Not at all. Even for languages with many more speakers you can get these sorts of problems.

For a very concrete example, consider this Japhug text [0]. I consider myself fairly knowledgable about phonetics, and I can read the transcribed text out loud. But listening to the accompanying recording, I can barely hear the distinctions between many of the sounds, or figure out where the word boundaries are. Such a recording can only be transcribed by carefully going through it with a native speaker.

Or, for a report by a more experienced linguist, here’s e.g. R.M.W. Dixon (2010) on the subject:

> All texts should be transcribed in the field. In the early stages the linguist should not attempt transcription without a native speaker by their side. As the linguist gets to know the language better they can attempt an initial transcription on their own, but should always then go over it in detail with a consultant. In the case of a language I had been working on for more than thirty years (Dyirbal) I could get a new text 95 per cent right, but there were always a few points that I missed the proper meaning or full significance of, and had to have them pointed out by an expert consultant. One thing one should never do is just record texts in the field and try to transcribe them later on, back at base (whether one is working on phonetics, phonology, grammar, discourse, or whatever); this is a sure recipe for an incompetent analysis.

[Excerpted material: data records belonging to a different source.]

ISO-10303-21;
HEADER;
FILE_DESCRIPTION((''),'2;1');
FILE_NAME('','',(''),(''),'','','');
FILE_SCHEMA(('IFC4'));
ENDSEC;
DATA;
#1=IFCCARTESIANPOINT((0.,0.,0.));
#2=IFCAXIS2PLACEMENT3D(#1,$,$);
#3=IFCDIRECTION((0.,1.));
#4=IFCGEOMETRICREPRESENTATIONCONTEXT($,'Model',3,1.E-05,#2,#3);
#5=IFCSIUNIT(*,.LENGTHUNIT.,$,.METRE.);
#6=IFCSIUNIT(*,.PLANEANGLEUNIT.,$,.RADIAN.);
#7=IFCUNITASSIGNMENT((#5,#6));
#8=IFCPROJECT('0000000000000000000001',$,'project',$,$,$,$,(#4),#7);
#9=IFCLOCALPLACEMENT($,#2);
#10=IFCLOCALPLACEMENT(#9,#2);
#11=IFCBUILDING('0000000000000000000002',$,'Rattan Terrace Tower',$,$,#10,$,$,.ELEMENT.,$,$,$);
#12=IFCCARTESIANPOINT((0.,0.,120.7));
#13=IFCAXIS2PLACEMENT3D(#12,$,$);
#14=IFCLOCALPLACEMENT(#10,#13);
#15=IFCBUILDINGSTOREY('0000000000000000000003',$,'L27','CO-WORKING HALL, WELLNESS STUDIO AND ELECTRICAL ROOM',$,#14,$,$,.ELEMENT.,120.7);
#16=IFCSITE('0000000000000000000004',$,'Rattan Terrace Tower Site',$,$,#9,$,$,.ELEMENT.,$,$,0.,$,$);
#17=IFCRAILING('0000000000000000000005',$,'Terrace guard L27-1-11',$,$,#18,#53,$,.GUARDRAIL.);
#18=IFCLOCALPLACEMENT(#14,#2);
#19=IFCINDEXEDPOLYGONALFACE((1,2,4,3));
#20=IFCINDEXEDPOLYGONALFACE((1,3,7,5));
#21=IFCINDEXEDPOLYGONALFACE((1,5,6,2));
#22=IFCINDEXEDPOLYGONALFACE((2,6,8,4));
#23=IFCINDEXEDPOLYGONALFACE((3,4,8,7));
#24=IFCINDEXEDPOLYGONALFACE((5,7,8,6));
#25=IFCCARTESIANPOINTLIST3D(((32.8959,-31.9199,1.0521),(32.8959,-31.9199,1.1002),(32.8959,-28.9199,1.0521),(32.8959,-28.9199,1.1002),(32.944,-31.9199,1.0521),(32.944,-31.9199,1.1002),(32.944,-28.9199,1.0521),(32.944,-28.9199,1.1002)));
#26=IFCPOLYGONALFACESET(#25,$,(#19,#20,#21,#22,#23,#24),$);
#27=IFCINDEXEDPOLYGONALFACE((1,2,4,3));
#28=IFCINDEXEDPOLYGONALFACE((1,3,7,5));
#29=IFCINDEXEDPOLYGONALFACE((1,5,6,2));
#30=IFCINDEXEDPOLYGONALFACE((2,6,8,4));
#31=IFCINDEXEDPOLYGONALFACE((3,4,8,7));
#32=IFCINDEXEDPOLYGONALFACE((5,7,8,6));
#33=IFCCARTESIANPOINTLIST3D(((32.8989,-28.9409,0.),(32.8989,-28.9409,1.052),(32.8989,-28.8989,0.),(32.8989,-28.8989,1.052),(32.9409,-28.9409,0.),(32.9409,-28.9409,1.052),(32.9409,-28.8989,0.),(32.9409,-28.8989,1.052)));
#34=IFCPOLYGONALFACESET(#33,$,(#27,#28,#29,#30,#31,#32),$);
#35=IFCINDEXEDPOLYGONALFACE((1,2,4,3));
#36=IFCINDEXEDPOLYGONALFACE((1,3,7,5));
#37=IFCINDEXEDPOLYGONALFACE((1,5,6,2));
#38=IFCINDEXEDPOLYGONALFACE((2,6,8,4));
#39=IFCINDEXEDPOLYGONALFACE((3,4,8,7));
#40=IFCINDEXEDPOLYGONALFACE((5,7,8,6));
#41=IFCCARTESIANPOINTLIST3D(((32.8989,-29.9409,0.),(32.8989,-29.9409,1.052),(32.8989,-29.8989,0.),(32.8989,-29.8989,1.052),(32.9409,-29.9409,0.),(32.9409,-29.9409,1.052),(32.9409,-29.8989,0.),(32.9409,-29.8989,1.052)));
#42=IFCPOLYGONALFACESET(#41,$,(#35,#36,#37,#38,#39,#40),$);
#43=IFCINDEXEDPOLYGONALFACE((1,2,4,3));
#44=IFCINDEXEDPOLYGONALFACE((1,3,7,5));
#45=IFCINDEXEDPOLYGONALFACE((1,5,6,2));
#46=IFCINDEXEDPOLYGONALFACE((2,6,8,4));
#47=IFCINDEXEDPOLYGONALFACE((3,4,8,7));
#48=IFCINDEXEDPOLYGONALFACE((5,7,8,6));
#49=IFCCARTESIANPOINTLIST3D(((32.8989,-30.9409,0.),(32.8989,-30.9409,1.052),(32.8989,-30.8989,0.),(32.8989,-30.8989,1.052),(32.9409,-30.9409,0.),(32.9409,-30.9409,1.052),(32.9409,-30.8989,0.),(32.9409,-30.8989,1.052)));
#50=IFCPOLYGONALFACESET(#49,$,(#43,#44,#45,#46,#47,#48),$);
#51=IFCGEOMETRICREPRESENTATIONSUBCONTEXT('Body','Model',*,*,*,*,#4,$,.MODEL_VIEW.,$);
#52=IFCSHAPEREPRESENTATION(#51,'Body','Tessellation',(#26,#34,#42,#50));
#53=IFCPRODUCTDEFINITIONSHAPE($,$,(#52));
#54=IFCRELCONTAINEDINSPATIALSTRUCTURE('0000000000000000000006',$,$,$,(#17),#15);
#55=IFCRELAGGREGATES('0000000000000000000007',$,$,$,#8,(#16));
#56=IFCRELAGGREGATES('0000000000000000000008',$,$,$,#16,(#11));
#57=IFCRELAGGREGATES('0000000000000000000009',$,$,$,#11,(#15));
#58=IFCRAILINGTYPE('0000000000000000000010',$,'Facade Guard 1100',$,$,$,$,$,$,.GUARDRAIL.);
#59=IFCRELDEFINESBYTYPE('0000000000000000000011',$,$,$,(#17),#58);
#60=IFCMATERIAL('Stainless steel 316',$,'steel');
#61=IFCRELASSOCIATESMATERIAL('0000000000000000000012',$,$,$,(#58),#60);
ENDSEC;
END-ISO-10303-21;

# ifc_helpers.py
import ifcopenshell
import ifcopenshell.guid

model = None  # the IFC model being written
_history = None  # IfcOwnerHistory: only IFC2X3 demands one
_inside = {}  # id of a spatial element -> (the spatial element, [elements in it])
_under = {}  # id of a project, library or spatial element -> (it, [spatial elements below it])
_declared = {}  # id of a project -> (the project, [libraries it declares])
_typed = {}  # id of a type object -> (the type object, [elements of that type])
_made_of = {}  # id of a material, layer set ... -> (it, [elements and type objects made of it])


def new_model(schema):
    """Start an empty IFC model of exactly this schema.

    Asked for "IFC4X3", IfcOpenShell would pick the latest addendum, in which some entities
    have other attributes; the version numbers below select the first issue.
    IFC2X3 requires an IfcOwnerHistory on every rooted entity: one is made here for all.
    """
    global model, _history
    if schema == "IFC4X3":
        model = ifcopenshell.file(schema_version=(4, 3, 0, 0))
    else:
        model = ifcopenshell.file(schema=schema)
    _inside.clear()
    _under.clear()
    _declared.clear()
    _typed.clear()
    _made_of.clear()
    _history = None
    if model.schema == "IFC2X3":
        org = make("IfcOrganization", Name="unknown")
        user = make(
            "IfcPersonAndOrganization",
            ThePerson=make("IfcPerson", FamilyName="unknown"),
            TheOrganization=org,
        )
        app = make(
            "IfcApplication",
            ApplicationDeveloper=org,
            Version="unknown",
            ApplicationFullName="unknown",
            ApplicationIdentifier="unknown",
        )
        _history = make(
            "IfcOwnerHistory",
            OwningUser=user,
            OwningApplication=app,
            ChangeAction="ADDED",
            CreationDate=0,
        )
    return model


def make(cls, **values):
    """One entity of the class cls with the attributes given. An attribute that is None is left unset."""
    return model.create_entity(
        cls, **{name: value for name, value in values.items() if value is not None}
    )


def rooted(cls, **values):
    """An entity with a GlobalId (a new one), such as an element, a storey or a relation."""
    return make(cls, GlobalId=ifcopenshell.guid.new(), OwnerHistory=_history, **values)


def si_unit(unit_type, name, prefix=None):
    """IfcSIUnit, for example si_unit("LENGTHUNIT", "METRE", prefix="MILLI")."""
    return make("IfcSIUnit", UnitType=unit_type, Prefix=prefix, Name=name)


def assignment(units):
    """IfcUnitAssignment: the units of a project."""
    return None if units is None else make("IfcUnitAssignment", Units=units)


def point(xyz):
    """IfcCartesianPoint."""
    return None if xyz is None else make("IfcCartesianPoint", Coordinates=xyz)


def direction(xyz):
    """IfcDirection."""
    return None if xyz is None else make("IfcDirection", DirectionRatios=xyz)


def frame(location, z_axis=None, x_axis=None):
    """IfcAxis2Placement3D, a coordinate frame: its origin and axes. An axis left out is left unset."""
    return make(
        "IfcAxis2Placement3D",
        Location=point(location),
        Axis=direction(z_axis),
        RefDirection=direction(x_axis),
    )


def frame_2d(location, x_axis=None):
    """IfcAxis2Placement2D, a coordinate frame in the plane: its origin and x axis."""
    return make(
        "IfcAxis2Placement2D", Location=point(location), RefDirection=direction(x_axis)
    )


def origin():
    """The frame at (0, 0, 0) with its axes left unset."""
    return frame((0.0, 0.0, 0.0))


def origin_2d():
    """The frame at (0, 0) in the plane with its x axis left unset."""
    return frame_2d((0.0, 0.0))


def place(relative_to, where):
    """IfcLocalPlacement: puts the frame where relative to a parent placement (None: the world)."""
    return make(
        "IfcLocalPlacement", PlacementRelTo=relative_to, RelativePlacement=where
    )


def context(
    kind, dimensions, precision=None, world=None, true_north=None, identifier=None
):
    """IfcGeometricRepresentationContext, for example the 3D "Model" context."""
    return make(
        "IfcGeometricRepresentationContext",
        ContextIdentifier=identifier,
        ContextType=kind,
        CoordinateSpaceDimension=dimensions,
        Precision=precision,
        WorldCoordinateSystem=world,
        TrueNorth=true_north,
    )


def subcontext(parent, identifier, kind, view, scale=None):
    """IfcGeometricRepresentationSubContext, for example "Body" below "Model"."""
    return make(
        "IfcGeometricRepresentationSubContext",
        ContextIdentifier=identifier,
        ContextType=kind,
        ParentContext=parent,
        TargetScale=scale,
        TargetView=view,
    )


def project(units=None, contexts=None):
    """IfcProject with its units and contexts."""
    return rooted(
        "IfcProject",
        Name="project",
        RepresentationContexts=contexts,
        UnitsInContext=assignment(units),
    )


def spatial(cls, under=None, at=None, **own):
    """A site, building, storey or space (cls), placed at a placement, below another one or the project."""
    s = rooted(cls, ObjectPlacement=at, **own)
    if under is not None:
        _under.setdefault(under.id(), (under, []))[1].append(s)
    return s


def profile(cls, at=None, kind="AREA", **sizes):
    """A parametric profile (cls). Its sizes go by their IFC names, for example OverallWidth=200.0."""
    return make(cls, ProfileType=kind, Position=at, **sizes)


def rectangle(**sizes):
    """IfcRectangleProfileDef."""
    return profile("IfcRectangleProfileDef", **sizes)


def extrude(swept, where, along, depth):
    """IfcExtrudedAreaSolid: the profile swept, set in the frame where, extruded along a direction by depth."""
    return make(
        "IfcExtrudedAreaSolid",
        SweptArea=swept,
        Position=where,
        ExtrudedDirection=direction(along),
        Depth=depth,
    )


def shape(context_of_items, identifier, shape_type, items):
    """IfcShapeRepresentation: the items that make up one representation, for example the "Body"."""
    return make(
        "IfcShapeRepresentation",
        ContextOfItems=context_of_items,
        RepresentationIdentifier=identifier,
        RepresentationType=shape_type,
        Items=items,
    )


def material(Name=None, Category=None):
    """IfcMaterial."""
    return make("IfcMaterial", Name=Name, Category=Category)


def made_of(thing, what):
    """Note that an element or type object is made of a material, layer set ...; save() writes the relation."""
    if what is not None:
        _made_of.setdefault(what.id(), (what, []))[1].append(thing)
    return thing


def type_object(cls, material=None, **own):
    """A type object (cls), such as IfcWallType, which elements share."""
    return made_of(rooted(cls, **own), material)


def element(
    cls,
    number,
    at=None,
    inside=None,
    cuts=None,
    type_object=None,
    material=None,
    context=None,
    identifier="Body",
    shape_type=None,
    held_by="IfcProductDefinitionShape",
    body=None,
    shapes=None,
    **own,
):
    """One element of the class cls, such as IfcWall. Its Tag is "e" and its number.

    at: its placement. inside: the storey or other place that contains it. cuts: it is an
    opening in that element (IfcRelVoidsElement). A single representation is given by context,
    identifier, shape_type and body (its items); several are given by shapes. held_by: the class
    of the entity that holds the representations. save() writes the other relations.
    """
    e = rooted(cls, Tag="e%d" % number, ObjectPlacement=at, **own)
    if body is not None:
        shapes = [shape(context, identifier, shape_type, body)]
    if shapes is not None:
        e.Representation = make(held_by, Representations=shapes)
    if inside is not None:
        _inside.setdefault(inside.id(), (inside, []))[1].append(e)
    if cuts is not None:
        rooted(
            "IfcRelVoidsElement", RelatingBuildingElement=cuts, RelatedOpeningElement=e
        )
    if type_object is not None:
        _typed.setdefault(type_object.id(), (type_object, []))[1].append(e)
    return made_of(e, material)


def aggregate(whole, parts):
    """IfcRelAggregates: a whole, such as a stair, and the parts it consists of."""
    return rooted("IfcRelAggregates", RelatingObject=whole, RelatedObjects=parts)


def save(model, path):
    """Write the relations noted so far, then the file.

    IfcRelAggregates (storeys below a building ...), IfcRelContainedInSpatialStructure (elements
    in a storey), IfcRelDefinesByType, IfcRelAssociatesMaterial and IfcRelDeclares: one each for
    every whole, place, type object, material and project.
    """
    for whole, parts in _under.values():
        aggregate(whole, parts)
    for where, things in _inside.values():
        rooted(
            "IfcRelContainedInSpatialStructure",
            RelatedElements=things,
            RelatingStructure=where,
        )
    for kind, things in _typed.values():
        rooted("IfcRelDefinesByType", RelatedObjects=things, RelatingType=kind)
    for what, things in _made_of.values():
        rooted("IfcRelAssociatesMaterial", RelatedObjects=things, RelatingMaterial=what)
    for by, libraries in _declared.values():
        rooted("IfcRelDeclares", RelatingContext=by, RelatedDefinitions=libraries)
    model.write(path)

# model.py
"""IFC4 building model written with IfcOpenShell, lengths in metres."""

from ifc_helpers import new_model, si_unit, direction, frame, origin, origin_2d, place, context, subcontext, project, spatial, rectangle, extrude, material, type_object, element, save


model = new_model("IFC4")

# Units and contexts
model_context = context("Model", 3, precision=1e-05, world=origin(), true_north=direction((0.0, 1.0)))
body_context = subcontext(model_context, "Body", "Model", "MODEL_VIEW")
ifc_project = project(units=[si_unit("LENGTHUNIT", "METRE"), si_unit("PLANEANGLEUNIT", "RADIAN")], contexts=[model_context])

# Site, building, storey
site_placement = place(None, origin())
site = spatial("IfcSite", under=ifc_project, at=site_placement, Name="Rattan Terrace Tower Site", CompositionType="ELEMENT", RefElevation=0.0)
building_placement = place(site_placement, origin())
building = spatial("IfcBuilding", under=site, at=building_placement, Name="Rattan Terrace Tower", CompositionType="ELEMENT")
storey_placement = place(building_placement, frame((0.0, 0.0, 120.7)))
storey = spatial("IfcBuildingStorey", under=building, at=storey_placement, Name="L27", Description="CO-WORKING HALL, WELLNESS STUDIO AND ELECTRICAL ROOM", CompositionType="ELEMENT", Elevation=120.7)

# Railing
ifc_material_1 = material(Name="Stainless steel 316", Category="steel")
railing_type = type_object("IfcRailingType", Name="Facade Guard 1100", PredefinedType="GUARDRAIL", material=ifc_material_1)
railing_1_placement = place(storey_placement, frame((32.9199, -28.9199, 0.0)))
element("IfcRailing", 1, at=railing_1_placement, inside=storey, type_object=railing_type, Name="Terrace guard L27-1-11", PredefinedType="GUARDRAIL", context=body_context, shape_type="SweptSolid", body=[
    extrude(rectangle(XDim=0.0481, YDim=0.0481, at=origin_2d()), frame((0.0, 0.0, 1.0762), z_axis=(0.0, -1.0, 0.0), x_axis=(1.0, 0.0, 0.0)), (0.0, 0.0, 1.0), 3.0),
    extrude(rectangle(XDim=0.042, YDim=0.042, at=origin_2d()), origin(), (0.0, 0.0, 1.0), 1.052),
    extrude(rectangle(XDim=0.042, YDim=0.042, at=origin_2d()), frame((0.0, -1.0, 0.0)), (0.0, 0.0, 1.0), 1.052),
    extrude(rectangle(XDim=0.042, YDim=0.042, at=origin_2d()), frame((0.0, -2.0, 0.0)), (0.0, 0.0, 1.0), 1.052),
])

save(model, "model.ifc")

[0] https://pangloss.cnrs.fr/corpus/show?lang=en&mode=pro&oai_pr...

> But Old Norse did die. It happened to sprout several new languages, most of which are not in danger of dying out like Danish and Swedish. The original Old Norse is gone though.

It did not die. There is a difference between language death and language evolution. In the latter process, there is no one point at which you can say, ‘Old Norse is dead and gone’; it is simply the case that speakers of the language found Old Norse texts less and less intelligible until they could no longer be understood. But the Old Norse language itself is hardly gone: many of its features are preserved in the derived languages, and Old Norse may still be reconstructed by comparison between its daughters.

Perhaps a more illustrative example would be Old English. Is Old English ‘dead’? Possibly, but it never ‘died’: it just gradually evolved into Middle English and then Modern English (and Scots).

> You seem to only be valuing a language based on if it's a net plus or minus to the "Language Diversity" which as you're using it seems to mean the number of distinct languages that are currently spoken natively by currently alive humans.

Not at all. I agree with you that languages are valuable because they give a unique perspective to both their native speakers and linguists at large. A natural consequence of this viewpoint is that one extra language is a net good, but I don’t think a language is valuable only because of this.

> I would consider doing linguistic work on the language with native speakers to be part of making records of the language. I don't think we're in disagreement here.

Ah, in that case we are indeed in agreement. I had assumed that by ‘making records’ you had meant only making audio recordings etc. I should have clarified what you meant exactly.

> The original idea I was pushing against was trying to artificially keep a language alive by trying to keep large population groups speaking it natively. It goes against how language has always worked.

I don’t think it’s a good idea to ‘artificially’ keep languages alive if there’s no reason to do so — but if a linguistic community wants to keep a language alive, then why not?